Apple without Jobs may have to wade through the same wilderness of
disillusionment, but Microsoft without Sinofsky (assuming you're correct that
Sinofsky was Microsoft's "visionary") not only gets the disillusionment,
Microsoft starts by tearing itself apart without any sort of pressure to
reform or repair the damage.

On the other hand, even assuming Microsoft is fine without Sinofsky, Windows 8
can't be considered nearly as successful as, say, the introduction of the
iPhone, simply by the nature of the release: release a new product that
requires a lot of change – and _fire_ the leader at the same time? I don't
believe even the "best case" can be considered a success.

------
Tloewald
Seems to me like a solid article -- it kind of explains a good deal, including
microsoft's blindness to the idea of treating office as its platform (if
Microsoft has been aggressive about porting office to iOS and android it
probably wouldn't care who won the platform wars -- instead it has simply made
it abundantly clear to many people who considered office indispensable that
they can dispense with it).

In essence, sinofsky was tasked with sorting out office development and then
with doing the same with windows.
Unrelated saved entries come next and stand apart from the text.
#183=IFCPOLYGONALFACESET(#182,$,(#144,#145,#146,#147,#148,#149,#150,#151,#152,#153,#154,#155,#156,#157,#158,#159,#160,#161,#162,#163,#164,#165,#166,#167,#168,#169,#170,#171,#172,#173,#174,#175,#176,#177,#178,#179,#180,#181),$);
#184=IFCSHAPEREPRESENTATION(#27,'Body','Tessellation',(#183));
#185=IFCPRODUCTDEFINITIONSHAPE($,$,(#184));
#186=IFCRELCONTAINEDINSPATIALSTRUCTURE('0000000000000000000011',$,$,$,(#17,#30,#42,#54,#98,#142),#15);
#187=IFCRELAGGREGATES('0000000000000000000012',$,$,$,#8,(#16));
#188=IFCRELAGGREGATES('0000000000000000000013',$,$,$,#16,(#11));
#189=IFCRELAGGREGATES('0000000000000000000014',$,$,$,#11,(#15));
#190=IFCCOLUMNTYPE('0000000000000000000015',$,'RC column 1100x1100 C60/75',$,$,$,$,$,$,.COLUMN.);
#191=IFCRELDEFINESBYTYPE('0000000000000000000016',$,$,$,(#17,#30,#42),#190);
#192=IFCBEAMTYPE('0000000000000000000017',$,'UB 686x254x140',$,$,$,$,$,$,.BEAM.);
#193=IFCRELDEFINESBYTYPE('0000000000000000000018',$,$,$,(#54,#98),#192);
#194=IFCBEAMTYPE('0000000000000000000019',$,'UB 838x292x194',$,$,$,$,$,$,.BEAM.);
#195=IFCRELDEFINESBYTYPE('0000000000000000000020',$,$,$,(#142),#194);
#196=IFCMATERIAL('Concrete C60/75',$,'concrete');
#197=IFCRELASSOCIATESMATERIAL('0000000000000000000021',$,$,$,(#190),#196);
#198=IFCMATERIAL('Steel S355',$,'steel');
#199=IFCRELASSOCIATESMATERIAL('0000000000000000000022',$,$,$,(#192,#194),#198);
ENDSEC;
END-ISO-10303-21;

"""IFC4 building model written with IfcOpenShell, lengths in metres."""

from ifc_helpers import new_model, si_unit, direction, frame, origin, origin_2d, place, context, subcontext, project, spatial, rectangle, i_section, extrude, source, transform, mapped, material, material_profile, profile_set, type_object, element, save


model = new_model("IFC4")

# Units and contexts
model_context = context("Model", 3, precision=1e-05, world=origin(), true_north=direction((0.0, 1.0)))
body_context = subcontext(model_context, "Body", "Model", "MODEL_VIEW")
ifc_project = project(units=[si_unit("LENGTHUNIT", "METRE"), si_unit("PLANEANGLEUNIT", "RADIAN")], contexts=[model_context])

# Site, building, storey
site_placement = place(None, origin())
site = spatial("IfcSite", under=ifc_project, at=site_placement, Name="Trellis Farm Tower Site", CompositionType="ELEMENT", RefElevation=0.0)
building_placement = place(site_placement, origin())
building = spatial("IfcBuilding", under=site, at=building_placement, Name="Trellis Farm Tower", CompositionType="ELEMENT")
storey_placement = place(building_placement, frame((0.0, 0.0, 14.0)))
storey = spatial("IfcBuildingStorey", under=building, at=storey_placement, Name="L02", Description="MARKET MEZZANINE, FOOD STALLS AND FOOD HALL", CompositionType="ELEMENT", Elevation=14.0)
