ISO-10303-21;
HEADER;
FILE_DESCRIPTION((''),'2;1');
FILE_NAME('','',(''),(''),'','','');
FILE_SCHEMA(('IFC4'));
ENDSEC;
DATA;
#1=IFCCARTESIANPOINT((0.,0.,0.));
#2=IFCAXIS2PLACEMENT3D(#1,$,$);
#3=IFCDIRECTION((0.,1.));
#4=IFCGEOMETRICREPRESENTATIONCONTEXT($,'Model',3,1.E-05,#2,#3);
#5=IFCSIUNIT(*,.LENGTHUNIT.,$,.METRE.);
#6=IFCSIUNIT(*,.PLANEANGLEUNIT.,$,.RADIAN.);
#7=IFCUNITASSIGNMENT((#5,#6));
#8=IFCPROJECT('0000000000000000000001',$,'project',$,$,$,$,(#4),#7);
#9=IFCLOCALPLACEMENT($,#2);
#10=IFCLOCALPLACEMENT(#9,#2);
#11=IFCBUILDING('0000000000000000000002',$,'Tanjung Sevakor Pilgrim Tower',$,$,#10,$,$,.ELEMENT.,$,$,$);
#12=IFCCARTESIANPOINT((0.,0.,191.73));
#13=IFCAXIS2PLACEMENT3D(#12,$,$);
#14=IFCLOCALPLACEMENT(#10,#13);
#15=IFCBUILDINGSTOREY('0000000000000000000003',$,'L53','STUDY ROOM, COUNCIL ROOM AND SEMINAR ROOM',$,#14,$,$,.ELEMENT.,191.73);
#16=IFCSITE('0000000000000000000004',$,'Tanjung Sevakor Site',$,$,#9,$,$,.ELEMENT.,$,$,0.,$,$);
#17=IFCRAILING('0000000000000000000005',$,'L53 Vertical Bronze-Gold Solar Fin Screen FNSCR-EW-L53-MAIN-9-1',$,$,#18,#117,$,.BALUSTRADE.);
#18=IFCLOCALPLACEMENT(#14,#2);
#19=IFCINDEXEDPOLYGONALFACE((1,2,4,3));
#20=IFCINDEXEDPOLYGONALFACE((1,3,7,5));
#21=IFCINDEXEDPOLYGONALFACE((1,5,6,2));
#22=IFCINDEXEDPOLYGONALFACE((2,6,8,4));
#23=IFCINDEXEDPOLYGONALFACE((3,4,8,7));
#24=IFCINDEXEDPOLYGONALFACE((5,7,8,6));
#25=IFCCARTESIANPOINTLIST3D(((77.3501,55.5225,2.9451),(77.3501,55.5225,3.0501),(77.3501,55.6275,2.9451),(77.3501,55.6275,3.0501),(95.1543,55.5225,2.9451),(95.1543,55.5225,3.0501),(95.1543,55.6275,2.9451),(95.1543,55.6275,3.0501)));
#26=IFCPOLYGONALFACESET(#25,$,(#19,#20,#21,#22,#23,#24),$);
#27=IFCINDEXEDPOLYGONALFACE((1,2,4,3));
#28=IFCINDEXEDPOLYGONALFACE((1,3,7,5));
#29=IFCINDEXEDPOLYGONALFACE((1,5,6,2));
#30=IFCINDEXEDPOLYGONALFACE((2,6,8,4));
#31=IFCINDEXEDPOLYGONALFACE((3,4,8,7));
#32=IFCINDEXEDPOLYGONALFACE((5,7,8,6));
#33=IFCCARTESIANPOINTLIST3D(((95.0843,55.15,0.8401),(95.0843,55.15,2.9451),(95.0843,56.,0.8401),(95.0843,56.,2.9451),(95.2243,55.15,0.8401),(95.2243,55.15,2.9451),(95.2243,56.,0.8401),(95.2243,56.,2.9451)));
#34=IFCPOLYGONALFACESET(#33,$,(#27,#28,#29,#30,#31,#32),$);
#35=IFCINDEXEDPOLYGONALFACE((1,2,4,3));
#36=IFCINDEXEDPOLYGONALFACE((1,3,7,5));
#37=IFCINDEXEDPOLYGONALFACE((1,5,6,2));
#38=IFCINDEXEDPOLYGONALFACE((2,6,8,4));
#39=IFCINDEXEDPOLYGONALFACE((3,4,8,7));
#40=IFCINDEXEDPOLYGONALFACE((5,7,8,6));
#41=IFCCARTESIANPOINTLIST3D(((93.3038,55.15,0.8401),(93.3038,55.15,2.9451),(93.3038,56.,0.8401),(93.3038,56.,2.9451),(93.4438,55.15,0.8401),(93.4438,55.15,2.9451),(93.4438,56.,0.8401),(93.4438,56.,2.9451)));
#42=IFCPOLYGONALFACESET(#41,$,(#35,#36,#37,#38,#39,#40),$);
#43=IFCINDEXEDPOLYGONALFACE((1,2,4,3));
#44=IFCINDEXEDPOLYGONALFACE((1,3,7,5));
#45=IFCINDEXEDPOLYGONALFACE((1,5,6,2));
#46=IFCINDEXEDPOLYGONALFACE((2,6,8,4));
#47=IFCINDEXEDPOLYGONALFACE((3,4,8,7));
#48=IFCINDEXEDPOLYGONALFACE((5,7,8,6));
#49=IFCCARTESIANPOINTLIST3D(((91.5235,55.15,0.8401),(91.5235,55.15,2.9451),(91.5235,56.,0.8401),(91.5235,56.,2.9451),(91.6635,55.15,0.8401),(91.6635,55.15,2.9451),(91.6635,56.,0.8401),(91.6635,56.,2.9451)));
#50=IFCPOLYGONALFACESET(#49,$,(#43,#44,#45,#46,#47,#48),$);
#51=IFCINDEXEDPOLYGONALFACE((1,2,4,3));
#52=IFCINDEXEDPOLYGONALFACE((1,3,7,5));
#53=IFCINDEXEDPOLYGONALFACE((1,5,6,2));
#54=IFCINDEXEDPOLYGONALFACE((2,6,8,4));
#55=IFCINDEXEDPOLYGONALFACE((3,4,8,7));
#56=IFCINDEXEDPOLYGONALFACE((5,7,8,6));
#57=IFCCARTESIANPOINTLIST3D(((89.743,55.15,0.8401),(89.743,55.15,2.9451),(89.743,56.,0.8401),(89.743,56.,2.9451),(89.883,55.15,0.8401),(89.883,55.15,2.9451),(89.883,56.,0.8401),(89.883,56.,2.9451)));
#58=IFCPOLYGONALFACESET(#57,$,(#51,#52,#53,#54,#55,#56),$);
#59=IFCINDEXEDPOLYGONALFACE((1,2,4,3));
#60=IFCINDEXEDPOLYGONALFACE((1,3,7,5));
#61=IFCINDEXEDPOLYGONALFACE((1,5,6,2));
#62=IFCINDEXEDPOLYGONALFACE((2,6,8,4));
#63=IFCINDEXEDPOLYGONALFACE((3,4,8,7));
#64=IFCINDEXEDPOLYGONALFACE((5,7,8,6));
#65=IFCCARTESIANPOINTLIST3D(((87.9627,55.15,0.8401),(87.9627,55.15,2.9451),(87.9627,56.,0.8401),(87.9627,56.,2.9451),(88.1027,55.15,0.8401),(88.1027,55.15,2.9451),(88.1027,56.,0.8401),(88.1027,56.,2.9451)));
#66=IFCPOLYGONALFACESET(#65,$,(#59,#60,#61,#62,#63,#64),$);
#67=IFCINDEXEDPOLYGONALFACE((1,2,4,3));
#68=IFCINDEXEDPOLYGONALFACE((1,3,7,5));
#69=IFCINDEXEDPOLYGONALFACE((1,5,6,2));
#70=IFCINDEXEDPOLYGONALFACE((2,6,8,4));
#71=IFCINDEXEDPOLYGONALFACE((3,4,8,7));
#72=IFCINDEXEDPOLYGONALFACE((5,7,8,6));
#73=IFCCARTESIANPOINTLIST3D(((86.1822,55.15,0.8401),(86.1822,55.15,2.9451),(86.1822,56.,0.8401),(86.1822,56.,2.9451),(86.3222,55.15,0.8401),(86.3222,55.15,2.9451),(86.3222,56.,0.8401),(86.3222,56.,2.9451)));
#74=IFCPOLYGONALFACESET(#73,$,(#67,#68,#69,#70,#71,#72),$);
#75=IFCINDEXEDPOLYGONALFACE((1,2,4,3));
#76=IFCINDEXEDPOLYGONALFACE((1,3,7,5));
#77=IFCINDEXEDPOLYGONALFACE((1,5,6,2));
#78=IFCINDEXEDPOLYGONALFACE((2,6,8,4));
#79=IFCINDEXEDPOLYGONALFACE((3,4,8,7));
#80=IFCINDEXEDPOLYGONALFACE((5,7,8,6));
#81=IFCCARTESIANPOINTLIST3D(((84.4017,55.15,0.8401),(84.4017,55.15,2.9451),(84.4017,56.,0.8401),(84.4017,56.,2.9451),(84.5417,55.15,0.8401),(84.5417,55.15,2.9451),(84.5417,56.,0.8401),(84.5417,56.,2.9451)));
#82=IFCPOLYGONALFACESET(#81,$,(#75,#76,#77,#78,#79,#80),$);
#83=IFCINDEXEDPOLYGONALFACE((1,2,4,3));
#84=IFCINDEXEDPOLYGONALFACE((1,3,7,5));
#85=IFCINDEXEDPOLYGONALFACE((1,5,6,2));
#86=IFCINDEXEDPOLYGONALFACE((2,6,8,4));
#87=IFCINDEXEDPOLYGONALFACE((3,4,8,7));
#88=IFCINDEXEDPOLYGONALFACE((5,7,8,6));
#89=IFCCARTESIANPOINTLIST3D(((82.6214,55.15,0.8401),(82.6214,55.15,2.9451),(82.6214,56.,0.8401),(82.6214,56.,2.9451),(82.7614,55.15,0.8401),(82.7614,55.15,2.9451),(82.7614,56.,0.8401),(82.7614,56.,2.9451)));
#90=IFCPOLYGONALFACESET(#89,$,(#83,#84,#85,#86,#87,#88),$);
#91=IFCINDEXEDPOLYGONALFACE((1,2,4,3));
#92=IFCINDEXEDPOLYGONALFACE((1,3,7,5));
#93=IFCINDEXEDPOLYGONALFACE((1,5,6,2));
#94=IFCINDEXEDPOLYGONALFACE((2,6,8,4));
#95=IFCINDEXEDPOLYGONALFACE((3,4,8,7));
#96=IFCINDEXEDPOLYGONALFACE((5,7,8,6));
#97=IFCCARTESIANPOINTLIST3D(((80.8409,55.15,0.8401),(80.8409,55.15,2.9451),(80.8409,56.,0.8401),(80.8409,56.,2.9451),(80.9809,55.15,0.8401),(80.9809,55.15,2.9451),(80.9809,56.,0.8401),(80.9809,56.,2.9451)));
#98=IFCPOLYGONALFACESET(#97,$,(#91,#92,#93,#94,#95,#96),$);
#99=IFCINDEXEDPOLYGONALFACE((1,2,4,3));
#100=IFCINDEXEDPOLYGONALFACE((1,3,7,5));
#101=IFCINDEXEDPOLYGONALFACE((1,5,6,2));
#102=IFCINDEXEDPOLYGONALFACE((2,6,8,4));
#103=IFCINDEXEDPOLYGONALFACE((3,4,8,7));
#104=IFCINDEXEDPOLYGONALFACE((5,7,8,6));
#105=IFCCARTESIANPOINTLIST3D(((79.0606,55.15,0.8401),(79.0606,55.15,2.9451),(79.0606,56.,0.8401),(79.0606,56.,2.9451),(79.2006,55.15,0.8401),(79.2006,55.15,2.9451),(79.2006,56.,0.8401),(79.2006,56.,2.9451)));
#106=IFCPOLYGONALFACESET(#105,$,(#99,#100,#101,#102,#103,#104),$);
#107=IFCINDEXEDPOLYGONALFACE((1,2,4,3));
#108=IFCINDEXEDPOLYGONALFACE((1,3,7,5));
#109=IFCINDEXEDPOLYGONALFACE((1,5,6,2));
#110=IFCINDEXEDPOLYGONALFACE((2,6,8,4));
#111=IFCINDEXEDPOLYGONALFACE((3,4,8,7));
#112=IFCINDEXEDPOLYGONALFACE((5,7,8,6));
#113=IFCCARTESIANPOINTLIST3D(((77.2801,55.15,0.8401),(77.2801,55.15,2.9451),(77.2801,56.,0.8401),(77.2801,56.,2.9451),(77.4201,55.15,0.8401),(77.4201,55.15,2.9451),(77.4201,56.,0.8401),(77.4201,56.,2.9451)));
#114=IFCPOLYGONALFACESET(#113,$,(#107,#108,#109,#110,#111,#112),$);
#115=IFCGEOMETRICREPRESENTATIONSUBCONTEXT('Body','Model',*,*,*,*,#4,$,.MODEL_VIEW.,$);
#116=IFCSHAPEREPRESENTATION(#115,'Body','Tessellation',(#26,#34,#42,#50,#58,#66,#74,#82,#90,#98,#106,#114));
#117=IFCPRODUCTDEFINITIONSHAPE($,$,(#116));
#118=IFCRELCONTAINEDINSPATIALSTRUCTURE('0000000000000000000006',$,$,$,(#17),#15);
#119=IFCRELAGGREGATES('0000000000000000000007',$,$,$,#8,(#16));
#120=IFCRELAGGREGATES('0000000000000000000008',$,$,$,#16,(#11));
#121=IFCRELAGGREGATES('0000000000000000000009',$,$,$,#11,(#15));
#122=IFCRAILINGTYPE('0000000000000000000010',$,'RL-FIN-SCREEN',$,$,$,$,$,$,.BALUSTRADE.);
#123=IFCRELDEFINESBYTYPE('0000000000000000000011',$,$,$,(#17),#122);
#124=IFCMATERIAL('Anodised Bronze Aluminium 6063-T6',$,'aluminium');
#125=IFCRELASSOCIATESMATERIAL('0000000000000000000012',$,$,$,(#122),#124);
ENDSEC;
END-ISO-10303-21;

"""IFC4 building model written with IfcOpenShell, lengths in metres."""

from ifc_helpers import new_model, si_unit, direction, frame, origin, place, context, subcontext, project, spatial, rectangle, extrude, material, type_object, element, save


model = new_model("IFC4")

# Units and contexts
model_context = context("Model", 3, precision=1e-05, world=origin(), true_north=direction((0.0, 1.0)))
body_context = subcontext(model_context, "Body", "Model", "MODEL_VIEW")
ifc_project = project(units=[si_unit("LENGTHUNIT", "METRE"), si_unit("PLANEANGLEUNIT", "RADIAN")], contexts=[model_context])

# Site, building, storey
site_placement = place(None, origin())
site = spatial("IfcSite", under=ifc_project, at=site_placement, Name="Tanjung Sevakor Site", CompositionType="ELEMENT", RefElevation=0.0)
building_placement = place(site_placement, origin())
building = spatial("IfcBuilding", under=site, at=building_placement, Name="Tanjung Sevakor Pilgrim Tower", CompositionType="ELEMENT")
storey_placement = place(building_placement, frame((0.0, 0.0, 191.73)))
storey = spatial("IfcBuildingStorey", under=building, at=storey_placement, Name="L53", Description="STUDY ROOM, COUNCIL ROOM AND SEMINAR ROOM", CompositionType="ELEMENT", Elevation=191.73)

# Railing
ifc_material_1 = material(Name="Anodised Bronze Aluminium 6063-T6", Category="aluminium")
railing_type = type_object("IfcRailingType", Name="RL-FIN-SCREEN", PredefinedType="BALUSTRADE", material=ifc_material_1)
railing_placement = place(storey_placement, frame((95.1543, 55.575, 0.8401)))
element("IfcRailing", 1, at=railing_placement, inside=storey, type_object=railing_type, Name="L53 Vertical Bronze-Gold Solar Fin Screen FNSCR-EW-L53-MAIN-9-1", PredefinedType="BALUSTRADE", context=body_context, shape_type="SweptSolid", body=[
    extrude(rectangle(XDim=0.105, YDim=0.105), frame((0.0, 0.0, 2.1575), z_axis=(-1.0, 0.0, 0.0), x_axis=(0.0, -1.0, 0.0)), (0.0, 0.0, 1.0), 17.8042),
    extrude(rectangle(XDim=0.14, YDim=0.85), origin(), (0.0, 0.0, 1.0), 2.105),
    extrude(rectangle(XDim=0.14, YDim=0.85), frame((-1.7805, 0.0, 0.0)), (0.0, 0.0, 1.0), 2.105),
    extrude(rectangle(XDim=0.14, YDim=0.85), frame((-3.5608, 0.0, 0.0)), (0.0, 0.0, 1.0), 2.105),
    extrude(rectangle(XDim=0.14, YDim=0.85), frame((-5.3413, 0.0, 0.0)), (0.0, 0.0, 1.0), 2.105),
    extrude(rectangle(XDim=0.14, YDim=0.85), frame((-7.1216, 0.0, 0.0)), (0.0, 0.0, 1.0), 2.105),
    extrude(rectangle(XDim=0.14, YDim=0.85), frame((-8.9021, 0.0, 0.0)), (0.0, 0.0, 1.0), 2.105),
    extrude(rectangle(XDim=0.14, YDim=0.85), frame((-10.6826, 0.0, 0.0)), (0.0, 0.0, 1.0), 2.105),
    extrude(rectangle(XDim=0.14, YDim=0.85), frame((-12.4629, 0.0, 0.0)), (0.0, 0.0, 1.0), 2.105),
    extrude(rectangle(XDim=0.14, YDim=0.85), frame((-14.2434, 0.0, 0.0)), (0.0, 0.0, 1.0), 2.105),
    extrude(rectangle(XDim=0.14, YDim=0.85), frame((-16.0237, 0.0, 0.0)), (0.0, 0.0, 1.0), 2.105),
    extrude(rectangle(XDim=0.14, YDim=0.85), frame((-17.8042, 0.0, 0.0)), (0.0, 0.0, 1.0), 2.105),
])

save(model, "model.ifc")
In the end he seems to have been a classic
empire builder, and windows was the larger empire (within Microsoft).

------
acqq
As far as I understand, the article misrepresents most of what happened with
Windows. Writing about what happened after XP, the cause of problems is
apparently:

"The Windows product at this point had ballooned to about 50 million lines of
“spaghetti code,”"

and then in gives credit to Sinofsky for everything good in Windows that
follows whereas Wikipedia has completely another story:

"In December 2003, Allchin enlisted the help of two other senior executives,
Brian Valentine and Amitabh Srivastava, the former being experienced with
shipping software at Microsoft, most notably Windows Server 2003,[13] and the
latter having spent his career at Microsoft researching and developing methods
of producing high-quality testing systems.[14] Srivastava employed a team of
core architects to visually map out the entirety of the Windows operating
system, and to proactively work towards a development process that would
enforce high levels of code quality"

What's the truth?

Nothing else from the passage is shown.